Learning-based inertial odometry has achieved remarkable progress in pedestrian navigation. However, extending these methods to quadruped robots remains challenging due to their distinct and highly dynamic motion patterns. Models that perform well on pedestrian data often experience severe degradation when deployed on legged platforms. To tackle this challenge, we introduce X-IONet, a cross-platform inertial odometry framework that operates solely using a single Inertial Measurement Unit (IMU). X-IONet incorporates a rule-based expert selection module to classify motion platforms and route IMU sequences to platform-specific expert networks. The displacement prediction network features a dual-stage attention architecture that jointly models long-range temporal dependencies and inter-axis correlations, enabling accurate motion representation. It outputs both displacement and associated uncertainty, which are further fused through an Extended Kalman Filter (EKF) for robust state estimation. Extensive experiments on public pedestrian datasets and a self-collected quadruped robot dataset demonstrate that X-IONet achieves state-of-the-art performance, reducing Absolute Trajectory Error (ATE) by 14.3% and Relative Trajectory Error (RTE) by 11.4% on pedestrian data, and by 52.8% and 41.3% on quadruped robot data.

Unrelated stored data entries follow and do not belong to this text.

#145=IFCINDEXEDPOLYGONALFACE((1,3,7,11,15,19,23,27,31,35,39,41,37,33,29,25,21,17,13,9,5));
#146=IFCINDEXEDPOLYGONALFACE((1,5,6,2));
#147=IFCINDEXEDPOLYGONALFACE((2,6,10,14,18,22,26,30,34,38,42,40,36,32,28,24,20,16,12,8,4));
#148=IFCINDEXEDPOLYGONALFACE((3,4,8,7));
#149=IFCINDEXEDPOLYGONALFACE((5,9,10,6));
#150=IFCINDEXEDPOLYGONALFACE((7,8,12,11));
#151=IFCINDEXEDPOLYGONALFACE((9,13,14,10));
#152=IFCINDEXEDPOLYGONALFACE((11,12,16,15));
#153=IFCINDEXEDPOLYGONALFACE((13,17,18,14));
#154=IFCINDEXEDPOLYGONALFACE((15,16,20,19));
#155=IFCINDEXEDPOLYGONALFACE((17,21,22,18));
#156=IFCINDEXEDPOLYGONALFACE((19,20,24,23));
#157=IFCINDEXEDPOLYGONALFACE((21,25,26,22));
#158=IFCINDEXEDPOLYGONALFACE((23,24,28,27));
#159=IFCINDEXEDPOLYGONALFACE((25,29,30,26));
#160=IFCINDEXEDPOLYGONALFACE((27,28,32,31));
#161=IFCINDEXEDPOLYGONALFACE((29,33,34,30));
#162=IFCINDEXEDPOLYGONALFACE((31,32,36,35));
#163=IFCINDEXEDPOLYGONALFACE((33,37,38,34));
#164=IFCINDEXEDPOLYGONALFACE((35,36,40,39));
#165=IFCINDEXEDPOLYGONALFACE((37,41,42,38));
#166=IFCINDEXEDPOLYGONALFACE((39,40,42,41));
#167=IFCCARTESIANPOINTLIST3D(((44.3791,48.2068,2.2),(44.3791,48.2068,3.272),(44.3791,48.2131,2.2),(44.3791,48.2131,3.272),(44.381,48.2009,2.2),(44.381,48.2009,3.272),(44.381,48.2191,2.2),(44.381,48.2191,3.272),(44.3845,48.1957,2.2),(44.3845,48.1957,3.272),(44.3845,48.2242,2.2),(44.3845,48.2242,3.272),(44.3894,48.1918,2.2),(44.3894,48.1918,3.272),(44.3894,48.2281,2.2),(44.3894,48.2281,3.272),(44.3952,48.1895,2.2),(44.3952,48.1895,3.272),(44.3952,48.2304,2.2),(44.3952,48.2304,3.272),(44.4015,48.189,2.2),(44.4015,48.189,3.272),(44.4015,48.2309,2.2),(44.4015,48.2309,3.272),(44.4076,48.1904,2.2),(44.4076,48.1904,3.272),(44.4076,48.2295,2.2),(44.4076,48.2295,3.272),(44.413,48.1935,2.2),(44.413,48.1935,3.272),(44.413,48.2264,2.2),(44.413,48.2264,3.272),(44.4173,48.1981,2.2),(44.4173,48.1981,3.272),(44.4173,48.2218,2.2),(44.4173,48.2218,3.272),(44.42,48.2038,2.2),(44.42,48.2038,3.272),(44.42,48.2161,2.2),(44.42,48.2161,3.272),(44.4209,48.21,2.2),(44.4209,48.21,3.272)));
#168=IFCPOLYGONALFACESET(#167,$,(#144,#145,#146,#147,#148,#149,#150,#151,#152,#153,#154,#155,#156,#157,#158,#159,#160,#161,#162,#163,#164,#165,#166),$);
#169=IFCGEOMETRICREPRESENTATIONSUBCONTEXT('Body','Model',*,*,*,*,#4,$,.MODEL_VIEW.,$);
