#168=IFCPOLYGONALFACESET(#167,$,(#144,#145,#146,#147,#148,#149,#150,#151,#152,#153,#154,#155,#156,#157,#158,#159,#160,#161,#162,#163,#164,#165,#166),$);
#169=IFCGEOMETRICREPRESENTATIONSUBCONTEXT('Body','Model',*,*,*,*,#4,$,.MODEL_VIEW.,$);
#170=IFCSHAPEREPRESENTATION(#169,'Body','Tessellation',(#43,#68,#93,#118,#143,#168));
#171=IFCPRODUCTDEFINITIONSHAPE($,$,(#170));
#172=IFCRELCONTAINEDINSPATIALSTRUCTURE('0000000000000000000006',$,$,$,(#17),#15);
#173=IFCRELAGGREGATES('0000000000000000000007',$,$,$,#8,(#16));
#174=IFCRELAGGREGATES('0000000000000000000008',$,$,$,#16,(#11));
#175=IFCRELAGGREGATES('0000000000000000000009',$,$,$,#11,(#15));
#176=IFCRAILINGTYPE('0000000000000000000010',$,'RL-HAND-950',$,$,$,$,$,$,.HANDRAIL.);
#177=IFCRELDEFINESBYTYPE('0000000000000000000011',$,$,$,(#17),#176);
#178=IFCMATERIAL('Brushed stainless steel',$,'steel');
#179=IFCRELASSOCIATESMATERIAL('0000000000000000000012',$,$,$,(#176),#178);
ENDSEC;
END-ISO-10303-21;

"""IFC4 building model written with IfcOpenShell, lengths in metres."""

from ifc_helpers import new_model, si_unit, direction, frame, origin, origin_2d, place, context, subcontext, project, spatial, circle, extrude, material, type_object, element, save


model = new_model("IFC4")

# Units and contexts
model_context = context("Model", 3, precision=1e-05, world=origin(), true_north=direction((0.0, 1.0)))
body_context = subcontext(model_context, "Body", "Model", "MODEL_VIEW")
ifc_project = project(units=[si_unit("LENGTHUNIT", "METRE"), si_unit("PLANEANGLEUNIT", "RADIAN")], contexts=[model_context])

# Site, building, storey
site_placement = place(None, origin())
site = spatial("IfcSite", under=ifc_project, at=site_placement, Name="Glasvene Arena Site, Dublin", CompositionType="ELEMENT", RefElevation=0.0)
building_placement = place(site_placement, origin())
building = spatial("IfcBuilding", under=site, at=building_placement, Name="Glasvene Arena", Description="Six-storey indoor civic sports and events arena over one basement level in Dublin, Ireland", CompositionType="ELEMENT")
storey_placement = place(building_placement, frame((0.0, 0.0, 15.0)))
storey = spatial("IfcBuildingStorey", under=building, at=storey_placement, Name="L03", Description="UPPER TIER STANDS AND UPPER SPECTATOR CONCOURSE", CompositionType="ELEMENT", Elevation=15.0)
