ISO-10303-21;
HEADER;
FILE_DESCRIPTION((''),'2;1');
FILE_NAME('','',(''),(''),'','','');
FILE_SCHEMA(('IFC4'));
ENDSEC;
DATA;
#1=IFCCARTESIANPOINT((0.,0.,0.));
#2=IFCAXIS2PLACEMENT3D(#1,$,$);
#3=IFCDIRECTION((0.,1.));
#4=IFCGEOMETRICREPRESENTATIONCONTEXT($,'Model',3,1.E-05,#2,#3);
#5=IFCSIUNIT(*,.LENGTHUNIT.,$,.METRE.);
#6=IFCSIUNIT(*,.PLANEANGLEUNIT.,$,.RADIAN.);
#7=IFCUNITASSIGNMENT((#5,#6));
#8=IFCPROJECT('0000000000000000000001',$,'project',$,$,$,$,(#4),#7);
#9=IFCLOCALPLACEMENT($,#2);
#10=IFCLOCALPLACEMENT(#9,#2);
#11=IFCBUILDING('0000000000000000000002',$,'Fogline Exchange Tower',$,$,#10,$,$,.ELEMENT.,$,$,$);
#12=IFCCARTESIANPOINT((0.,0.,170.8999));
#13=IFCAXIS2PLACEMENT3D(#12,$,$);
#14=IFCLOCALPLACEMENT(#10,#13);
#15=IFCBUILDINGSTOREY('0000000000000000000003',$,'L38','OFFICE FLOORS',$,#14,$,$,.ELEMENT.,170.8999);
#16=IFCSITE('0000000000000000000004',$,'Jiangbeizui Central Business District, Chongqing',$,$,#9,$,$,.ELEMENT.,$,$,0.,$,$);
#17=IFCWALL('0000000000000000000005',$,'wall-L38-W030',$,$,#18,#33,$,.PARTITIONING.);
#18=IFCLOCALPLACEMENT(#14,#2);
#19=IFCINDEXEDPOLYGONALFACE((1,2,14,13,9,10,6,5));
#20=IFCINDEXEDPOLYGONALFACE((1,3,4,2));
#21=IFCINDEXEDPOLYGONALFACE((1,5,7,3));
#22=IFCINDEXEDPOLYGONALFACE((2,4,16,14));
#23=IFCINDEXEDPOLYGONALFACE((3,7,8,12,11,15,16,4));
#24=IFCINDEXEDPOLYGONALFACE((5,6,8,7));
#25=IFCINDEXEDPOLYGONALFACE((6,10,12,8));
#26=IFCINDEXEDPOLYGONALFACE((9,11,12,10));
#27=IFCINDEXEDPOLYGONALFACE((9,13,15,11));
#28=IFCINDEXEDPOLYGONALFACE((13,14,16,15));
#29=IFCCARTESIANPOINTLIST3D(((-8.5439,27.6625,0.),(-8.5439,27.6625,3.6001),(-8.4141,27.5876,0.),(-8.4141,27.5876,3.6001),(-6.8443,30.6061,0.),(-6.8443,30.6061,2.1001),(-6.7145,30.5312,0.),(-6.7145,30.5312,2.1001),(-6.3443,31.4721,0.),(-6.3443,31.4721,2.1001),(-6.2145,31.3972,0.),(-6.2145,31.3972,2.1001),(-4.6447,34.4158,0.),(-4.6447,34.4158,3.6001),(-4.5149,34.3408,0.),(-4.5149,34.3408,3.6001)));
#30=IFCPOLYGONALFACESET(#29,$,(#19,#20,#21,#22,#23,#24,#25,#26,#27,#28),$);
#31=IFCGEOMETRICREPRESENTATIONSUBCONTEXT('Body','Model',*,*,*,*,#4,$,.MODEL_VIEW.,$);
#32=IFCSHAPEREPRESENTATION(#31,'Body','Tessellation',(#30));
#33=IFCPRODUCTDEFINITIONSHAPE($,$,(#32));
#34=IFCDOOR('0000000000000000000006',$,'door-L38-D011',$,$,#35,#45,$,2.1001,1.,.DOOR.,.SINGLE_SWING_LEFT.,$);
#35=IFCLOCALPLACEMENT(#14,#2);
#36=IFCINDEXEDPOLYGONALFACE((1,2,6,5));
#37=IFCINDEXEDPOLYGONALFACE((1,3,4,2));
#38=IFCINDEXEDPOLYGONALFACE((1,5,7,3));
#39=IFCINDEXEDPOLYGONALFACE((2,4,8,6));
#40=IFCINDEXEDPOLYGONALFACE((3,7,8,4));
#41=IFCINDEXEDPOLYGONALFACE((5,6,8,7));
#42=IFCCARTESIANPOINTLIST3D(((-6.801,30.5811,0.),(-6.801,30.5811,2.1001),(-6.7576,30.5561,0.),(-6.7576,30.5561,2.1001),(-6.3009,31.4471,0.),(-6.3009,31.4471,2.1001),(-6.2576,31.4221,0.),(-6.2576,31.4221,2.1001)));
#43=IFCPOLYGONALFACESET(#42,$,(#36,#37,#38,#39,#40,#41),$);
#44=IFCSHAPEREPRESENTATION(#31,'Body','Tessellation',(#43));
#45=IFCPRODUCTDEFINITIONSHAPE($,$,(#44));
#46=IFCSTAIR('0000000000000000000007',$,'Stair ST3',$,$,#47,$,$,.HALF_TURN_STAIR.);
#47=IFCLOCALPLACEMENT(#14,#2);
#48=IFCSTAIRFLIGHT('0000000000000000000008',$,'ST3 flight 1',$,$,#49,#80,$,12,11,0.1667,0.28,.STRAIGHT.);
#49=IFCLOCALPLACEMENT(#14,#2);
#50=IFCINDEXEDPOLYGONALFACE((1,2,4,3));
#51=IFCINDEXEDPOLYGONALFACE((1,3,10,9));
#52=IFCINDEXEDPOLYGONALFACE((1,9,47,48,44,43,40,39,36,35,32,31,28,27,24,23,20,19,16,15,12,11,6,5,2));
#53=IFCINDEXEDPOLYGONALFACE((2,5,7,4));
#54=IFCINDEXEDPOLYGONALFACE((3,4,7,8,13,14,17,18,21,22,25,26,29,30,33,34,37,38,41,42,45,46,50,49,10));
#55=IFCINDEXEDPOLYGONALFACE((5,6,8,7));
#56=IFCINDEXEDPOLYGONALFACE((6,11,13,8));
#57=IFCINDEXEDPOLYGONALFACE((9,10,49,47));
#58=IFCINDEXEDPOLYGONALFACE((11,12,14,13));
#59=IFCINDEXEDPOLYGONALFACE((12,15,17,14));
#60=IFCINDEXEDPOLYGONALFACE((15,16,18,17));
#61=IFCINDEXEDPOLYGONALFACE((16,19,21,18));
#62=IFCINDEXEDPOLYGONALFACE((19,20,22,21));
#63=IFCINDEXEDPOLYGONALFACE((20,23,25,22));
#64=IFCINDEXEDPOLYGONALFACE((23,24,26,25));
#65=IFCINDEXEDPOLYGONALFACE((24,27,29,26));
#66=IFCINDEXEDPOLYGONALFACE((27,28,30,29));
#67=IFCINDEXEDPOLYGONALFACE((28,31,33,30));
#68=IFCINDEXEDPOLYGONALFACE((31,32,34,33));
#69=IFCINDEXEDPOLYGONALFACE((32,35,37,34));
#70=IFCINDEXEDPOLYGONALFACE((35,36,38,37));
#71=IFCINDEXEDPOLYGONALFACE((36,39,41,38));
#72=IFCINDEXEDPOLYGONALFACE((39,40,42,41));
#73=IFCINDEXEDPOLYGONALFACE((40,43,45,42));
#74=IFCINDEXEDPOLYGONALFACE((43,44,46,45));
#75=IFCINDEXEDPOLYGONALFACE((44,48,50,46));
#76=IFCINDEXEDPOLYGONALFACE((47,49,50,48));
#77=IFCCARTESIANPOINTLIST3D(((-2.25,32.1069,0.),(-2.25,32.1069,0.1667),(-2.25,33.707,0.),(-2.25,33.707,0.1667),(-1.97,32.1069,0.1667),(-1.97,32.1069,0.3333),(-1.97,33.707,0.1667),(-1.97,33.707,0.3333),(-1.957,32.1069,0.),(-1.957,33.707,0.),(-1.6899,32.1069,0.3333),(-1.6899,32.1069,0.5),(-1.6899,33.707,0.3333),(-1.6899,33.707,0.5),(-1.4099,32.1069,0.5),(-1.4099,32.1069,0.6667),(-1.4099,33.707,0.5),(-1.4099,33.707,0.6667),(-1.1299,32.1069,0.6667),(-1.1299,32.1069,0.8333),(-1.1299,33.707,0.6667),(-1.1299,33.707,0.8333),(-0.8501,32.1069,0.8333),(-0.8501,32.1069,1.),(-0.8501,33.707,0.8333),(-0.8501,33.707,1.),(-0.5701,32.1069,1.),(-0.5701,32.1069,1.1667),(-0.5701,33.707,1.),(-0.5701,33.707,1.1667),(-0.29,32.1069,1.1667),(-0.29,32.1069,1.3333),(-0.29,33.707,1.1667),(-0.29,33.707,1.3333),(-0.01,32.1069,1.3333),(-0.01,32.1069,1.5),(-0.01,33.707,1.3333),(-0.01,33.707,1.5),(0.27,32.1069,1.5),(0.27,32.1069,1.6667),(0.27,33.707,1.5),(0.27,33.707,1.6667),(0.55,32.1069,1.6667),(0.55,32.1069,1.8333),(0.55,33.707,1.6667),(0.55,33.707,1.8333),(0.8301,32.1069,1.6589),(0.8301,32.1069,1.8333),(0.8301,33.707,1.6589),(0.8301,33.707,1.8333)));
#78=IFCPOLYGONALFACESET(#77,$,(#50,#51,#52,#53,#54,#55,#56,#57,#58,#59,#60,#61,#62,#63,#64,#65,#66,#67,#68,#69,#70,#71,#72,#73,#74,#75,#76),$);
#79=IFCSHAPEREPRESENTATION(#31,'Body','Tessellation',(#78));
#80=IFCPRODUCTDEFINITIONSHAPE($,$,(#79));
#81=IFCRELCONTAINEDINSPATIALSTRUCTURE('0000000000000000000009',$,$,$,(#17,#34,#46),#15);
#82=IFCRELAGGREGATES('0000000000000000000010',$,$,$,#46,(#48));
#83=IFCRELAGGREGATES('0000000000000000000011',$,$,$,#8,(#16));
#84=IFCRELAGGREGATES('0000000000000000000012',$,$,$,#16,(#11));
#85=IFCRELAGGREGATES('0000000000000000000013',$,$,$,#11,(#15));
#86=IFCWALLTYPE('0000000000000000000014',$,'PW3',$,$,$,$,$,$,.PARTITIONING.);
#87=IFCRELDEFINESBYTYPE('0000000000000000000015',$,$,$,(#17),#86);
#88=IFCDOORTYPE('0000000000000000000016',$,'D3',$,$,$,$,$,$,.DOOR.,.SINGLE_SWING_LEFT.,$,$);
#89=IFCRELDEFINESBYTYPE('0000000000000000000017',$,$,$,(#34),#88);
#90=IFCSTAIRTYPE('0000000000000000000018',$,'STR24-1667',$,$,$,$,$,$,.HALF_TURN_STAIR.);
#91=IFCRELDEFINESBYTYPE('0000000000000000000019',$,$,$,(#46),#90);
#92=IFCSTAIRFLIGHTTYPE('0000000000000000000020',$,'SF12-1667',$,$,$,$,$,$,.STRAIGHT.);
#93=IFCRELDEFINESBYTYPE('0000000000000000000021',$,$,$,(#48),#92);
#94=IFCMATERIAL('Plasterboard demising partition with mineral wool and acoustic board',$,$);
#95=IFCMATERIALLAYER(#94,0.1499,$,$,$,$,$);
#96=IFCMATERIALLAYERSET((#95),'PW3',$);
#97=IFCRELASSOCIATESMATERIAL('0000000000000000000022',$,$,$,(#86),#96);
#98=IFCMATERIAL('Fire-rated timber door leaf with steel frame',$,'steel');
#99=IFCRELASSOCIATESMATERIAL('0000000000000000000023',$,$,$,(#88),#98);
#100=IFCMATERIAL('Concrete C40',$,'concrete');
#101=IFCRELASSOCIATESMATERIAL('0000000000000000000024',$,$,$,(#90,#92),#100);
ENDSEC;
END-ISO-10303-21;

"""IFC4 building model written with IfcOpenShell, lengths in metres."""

from ifc_helpers import new_model, si_unit, direction, frame, frame_2d, origin, place, context, subcontext, project, spatial, polyline, rectangle, outline, extrude, material, layer, layer_set, type_object, element, fill, aggregate, save


model = new_model("IFC4")

# Units and contexts
model_context = context("Model", 3, precision=1e-05, world=origin(), true_north=direction((0.0, 1.0)))
body_context = subcontext(model_context, "Body", "Model", "MODEL_VIEW")
ifc_project = project(units=[si_unit("LENGTHUNIT", "METRE"), si_unit("PLANEANGLEUNIT", "RADIAN")], contexts=[model_context])

# Site, building, storey
site_placement = place(None, origin())
site = spatial("IfcSite", under=ifc_project, at=site_placement, Name="Jiangbeizui Central Business District, Chongqing", CompositionType="ELEMENT", RefElevation=0.0)
building_placement = place(site_placement, origin())
building = spatial("IfcBuilding", under=site, at=building_placement, Name="Fogline Exchange Tower", CompositionType="ELEMENT")
storey_placement = place(building_placement, frame((0.0, 0.0, 170.8999)))
storey = spatial("IfcBuildingStorey", under=building, at=storey_placement, Name="L38", Description="OFFICE FLOORS", CompositionType="ELEMENT", Elevation=170.8999)

# Shared definitions
ifc_material_1 = material(Name="Concrete C40", Category="concrete")

# Shared definitions
ifc_material_2 = material(Name="Plasterboard demising partition with mineral wool and acoustic board")
ifc_layer_1 = layer(ifc_material_2, 0.1499)
ifc_layer_set_1 = layer_set([ifc_layer_1], Name="PW3")
wall_type_1 = type_object("IfcWallType", Name="PW3", PredefinedType="PARTITIONING", material=ifc_layer_set_1)

# Wall, opening, door
wall_1_placement = place(storey_placement, frame((-4.5798, 34.3782, 0.0), z_axis=(0.0, 0.0, 1.0), x_axis=(-0.500021, -0.866013, 0.0)))
wall_1 = element("IfcWall", 1, at=wall_1_placement, inside=storey, type_object=wall_type_1, Name="wall-L38-W030", PredefinedType="PARTITIONING", context=body_context, shape_type="SweptSolid", body=[
    extrude(rectangle(XDim=7.7981, YDim=0.1499, at=frame_2d((3.8989, 0.0))), origin(), (0.0, 0.0, 1.0), 3.6001),
])
opening_1_placement = place(wall_1_placement, frame((3.3989, 0.0, 0.0)))
opening_1 = element("IfcOpeningElement", 2, at=opening_1_placement, cuts=wall_1, PredefinedType="OPENING", context=body_context, shape_type="SweptSolid", body=[
    extrude(rectangle(XDim=1.0, YDim=2.1001, at=frame_2d((0.5, 1.05))), frame((0.0, 0.085, 0.0), z_axis=(0.0, -1.0, 0.0), x_axis=(1.0, 0.0, 0.0)), (0.0, 0.0, 1.0), 0.1699),
])
ifc_material_3 = material(Name="Fire-rated timber door leaf with steel frame", Category="steel")
door_type_1 = type_object("IfcDoorType", Name="D3", OperationType="SINGLE_SWING_LEFT", PredefinedType="DOOR", material=ifc_material_3)
door_1_placement = place(opening_1_placement, frame((1.0, 0.0, 0.0), z_axis=(0.0, 0.0, 1.0), x_axis=(-1.0, 0.0, 0.0)))
door_1 = element("IfcDoor", 3, at=door_1_placement, inside=storey, type_object=door_type_1, Name="door-L38-D011", OperationType="SINGLE_SWING_LEFT", OverallHeight=2.1001, OverallWidth=1.0, PredefinedType="DOOR", context=body_context, shape_type="SweptSolid", body=[
    extrude(rectangle(XDim=1.0, YDim=2.1001, at=frame_2d((0.5, 1.05))), frame((0.0, 0.0249, 0.0), z_axis=(0.0, -1.0, 0.0), x_axis=(1.0, 0.0, 0.0)), (0.0, 0.0, 1.0), 0.05),
])
fill(opening_1, door_1)

# Stair, stair flight
stair_type = type_object("IfcStairType", Name="STR24-1667", PredefinedType="HALF_TURN_STAIR", material=ifc_material_1)
stair_placement = place(storey_placement, origin())
stair = element("IfcStair", 4, at=stair_placement, inside=storey, type_object=stair_type, Name="Stair ST3", PredefinedType="HALF_TURN_STAIR")
stair_flight_type = type_object("IfcStairFlightType", Name="SF12-1667", PredefinedType="STRAIGHT", material=ifc_material_1)
stair_flight_placement = place(storey_placement, frame((-2.25, 32.907, 0.0), z_axis=(0.0, 0.0, 1.0), x_axis=(1.0, 0.0, 0.0)))
stair_flight = element("IfcStairFlight", 5, at=stair_flight_placement, type_object=stair_flight_type, Name="ST3 flight 1", NumberOfRisers=12, NumberOfTreads=11, PredefinedType="STRAIGHT", RiserHeight=0.1667, TreadLength=0.28, context=body_context, shape_type="SweptSolid", body=[
    extrude(outline(polyline([(0.0, 0.0), (0.0, 0.1667), (0.28, 0.1667), (0.28, 0.3333), (0.5601, 0.3333), (0.5601, 0.5), (0.8401, 0.5), (0.8401, 0.6667), (1.1201, 0.6667), (1.1201, 0.8333), (1.3999, 0.8333), (1.3999, 1.0), (1.6799, 1.0), (1.6799, 1.1667), (1.96, 1.1667), (1.96, 1.3333), (2.24, 1.3333), (2.24, 1.5), (2.52, 1.5), (2.52, 1.6667), (2.8, 1.6667), (2.8, 1.8333), (3.0801, 1.8333), (3.0801, 2.0), (3.0801, 1.6589), (0.293, 0.0), (0.0, 0.0)])), frame((0.0, 0.8, 0.0), z_axis=(0.0, -1.0, 0.0), x_axis=(1.0, 0.0, 0.0)), (0.0, 0.0, 1.0), 1.6001),
])
aggregate(stair, [stair_flight])

save(model, "model.ifc")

These results highlight the effectiveness of X-IONet in advancing accurate and robust inertial navigation across both human and legged robot platforms.

Paper Structure

This paper contains 20 sections, 22 equations, 5 figures, 5 tables.

Figures (5)

  • Figure 1: Cross-Platform Inertial Odometry Network for pedestrians and quadruped robots. The temporal and frequency-domain visualizations reveal distinct differences between pedestrian and quadruped inertial signals.
  • Figure 2: Overall framework of the proposed X-IONet framework. The raw inertial data are rotated using the attitude estimated by EKF and then fed into a rule-based expert selection network to identify the motion platform. The data are routed to a displacement prediction network to regress displacement and uncertainty. The predicted results are refined through the EKF to achieve accurate and robust cross-platform inertial odometry.
  • Figure 3: The quadruped robot used in the experiments.
  • Figure 4: Trajectory comparisons of partial experimental results. The top three trajectory plots illustrate the comparisons of different methods on the Go2_Easy_01, Go2_Medium_02, and Go2_Hard_02, while the bottom three plots correspond to the RoNIN_a037_1, RoNIN_a038_2, and RoNIN_a044_2. In the figures, darker and thicker trajectories indicate a closer match to the ground-truth motion paths. Each image highlights selected regions with magnified details to better illustrate the differences among the methods.
  • Figure 5: The trajectory of the quadruped robot predicted using the pedestrian model.